Purpose We aimed to evaluate causes and conditions leading to renal failure in hospital and develop prevention strategies.

Material and methods We assessed the validity of such codes in patient records and evaluated whether acute renal failure occurred during the hospital stay. Using the updated causality score by Bégaud et al, we currently assess, using 2 independent reviewers, whether acute renal failure was drug related.1 Based on root cause analyses, preventive strategies will be developed.

Results The records of 69 patients were analysed (mean age 62 years (range 23–94), 33% women). 26 cases (38%) had a known history of renal failure or were hospitalised because of acute renal failure. In 43 cases (62%), the adverse event occurred in hospital. Nearly half of these cases (n=20) had a known history of renal failure. The pilot results of four randomly selected cases of this ongoing assessment revealed 6 suspect drugs with a high imputability to the ADE (1 drug with level I4 and 5 drugs with level I6 out of 7 possible scores from I0 to I6). As conceivable prevention strategies, we identified a priori dose adjustment and/or longer intravenous application duration for nephrotoxic drugs (eg, aciclovir) in patients with a known history of renal failure.

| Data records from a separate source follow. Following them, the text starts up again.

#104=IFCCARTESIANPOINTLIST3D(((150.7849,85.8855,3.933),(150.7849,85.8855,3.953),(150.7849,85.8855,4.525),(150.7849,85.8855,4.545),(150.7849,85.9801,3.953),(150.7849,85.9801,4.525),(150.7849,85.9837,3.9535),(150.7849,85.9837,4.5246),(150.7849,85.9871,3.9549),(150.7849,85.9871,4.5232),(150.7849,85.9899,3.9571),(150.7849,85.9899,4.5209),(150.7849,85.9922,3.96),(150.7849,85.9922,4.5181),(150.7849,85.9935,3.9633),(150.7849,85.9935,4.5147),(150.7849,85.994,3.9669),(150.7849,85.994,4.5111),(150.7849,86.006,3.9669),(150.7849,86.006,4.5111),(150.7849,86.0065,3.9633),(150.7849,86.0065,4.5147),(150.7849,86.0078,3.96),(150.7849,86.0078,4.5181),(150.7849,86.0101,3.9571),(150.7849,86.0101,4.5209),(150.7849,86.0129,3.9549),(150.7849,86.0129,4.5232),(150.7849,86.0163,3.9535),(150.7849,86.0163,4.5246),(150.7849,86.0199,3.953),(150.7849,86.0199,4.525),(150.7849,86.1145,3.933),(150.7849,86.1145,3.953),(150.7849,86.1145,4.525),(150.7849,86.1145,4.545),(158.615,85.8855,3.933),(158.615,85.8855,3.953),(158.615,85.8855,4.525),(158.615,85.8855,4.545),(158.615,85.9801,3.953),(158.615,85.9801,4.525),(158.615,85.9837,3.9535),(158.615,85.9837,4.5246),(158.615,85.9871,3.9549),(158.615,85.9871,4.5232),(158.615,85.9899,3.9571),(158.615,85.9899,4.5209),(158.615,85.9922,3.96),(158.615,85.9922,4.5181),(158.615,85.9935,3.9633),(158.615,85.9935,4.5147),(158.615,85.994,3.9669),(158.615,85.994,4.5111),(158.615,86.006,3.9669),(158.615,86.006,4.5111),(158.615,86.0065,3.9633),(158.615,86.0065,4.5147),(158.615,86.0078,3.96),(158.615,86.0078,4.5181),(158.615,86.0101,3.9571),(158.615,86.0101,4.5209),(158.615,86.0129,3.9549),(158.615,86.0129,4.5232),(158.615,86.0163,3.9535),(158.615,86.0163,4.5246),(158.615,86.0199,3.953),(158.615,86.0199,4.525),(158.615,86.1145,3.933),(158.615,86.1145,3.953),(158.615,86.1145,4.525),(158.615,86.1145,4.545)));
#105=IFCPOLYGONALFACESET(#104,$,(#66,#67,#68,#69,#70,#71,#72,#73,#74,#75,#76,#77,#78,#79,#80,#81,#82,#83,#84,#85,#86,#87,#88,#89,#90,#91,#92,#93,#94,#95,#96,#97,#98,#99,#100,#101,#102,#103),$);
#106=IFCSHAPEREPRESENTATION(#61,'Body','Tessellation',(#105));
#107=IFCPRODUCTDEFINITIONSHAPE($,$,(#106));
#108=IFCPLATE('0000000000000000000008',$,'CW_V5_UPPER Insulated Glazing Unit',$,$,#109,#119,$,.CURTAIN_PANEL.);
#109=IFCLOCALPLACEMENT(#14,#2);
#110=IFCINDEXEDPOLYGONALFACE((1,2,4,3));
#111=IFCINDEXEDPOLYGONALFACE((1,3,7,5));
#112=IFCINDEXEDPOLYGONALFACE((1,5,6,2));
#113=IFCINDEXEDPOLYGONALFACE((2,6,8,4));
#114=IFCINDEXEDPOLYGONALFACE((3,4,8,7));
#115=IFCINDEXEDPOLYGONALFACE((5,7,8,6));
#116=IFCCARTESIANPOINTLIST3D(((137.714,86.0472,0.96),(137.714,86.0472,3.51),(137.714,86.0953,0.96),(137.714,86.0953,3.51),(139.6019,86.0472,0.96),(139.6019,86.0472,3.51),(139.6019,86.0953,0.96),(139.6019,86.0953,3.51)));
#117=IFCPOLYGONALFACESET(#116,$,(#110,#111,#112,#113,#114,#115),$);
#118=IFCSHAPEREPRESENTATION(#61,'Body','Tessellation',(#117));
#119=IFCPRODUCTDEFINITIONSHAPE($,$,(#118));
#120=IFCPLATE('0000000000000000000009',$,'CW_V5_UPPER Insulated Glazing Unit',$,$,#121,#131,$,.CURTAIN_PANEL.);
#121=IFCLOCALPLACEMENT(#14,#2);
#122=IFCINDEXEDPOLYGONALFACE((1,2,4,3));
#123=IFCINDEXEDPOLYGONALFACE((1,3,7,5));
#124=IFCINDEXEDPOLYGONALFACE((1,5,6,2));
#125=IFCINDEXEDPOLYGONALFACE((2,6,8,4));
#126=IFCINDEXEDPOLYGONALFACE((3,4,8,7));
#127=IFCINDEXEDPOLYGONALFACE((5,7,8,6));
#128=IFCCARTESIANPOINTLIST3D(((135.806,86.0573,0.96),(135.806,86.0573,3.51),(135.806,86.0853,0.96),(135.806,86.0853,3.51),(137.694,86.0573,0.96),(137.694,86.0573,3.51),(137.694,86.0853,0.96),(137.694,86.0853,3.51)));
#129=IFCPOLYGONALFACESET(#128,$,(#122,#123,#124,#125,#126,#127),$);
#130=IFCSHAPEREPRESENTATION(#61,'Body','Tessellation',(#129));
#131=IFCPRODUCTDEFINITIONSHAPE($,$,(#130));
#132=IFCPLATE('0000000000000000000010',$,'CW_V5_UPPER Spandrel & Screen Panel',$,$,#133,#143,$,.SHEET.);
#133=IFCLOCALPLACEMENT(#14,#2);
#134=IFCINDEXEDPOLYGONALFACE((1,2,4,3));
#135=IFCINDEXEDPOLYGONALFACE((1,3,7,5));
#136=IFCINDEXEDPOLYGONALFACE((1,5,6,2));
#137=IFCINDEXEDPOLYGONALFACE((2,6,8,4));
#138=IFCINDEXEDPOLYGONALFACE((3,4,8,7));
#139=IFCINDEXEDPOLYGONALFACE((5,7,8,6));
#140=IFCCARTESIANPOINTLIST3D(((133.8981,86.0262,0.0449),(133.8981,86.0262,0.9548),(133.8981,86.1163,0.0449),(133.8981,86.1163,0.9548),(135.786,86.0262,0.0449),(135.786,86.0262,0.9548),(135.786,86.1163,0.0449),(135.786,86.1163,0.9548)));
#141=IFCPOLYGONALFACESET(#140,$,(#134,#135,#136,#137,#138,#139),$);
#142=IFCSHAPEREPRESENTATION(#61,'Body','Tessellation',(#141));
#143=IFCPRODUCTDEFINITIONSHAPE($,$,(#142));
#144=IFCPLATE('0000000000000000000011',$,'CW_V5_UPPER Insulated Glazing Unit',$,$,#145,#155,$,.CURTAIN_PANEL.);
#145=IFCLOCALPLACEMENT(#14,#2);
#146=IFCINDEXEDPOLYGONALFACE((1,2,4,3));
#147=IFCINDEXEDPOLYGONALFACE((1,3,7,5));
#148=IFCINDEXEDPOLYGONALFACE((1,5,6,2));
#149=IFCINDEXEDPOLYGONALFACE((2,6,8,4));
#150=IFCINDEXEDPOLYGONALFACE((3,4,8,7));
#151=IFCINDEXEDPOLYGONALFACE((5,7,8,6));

Conclusion Unless CAD do not explicitly flag inpatient ICD-10 codes, CAD based ADE identification is laborious, and adequate risk management by the hospital is challenging. Screening for (pre-existing) renal (dys)function at the stage of hospitalisation for appropriate dose adjustment could prove a promising preventive strategy for our hospital.

References and/or acknowledgements 1. Arimone Y, et al. Updating the French method for the causality assessment of adverse drug reactions. Therapie2013;68:69–76.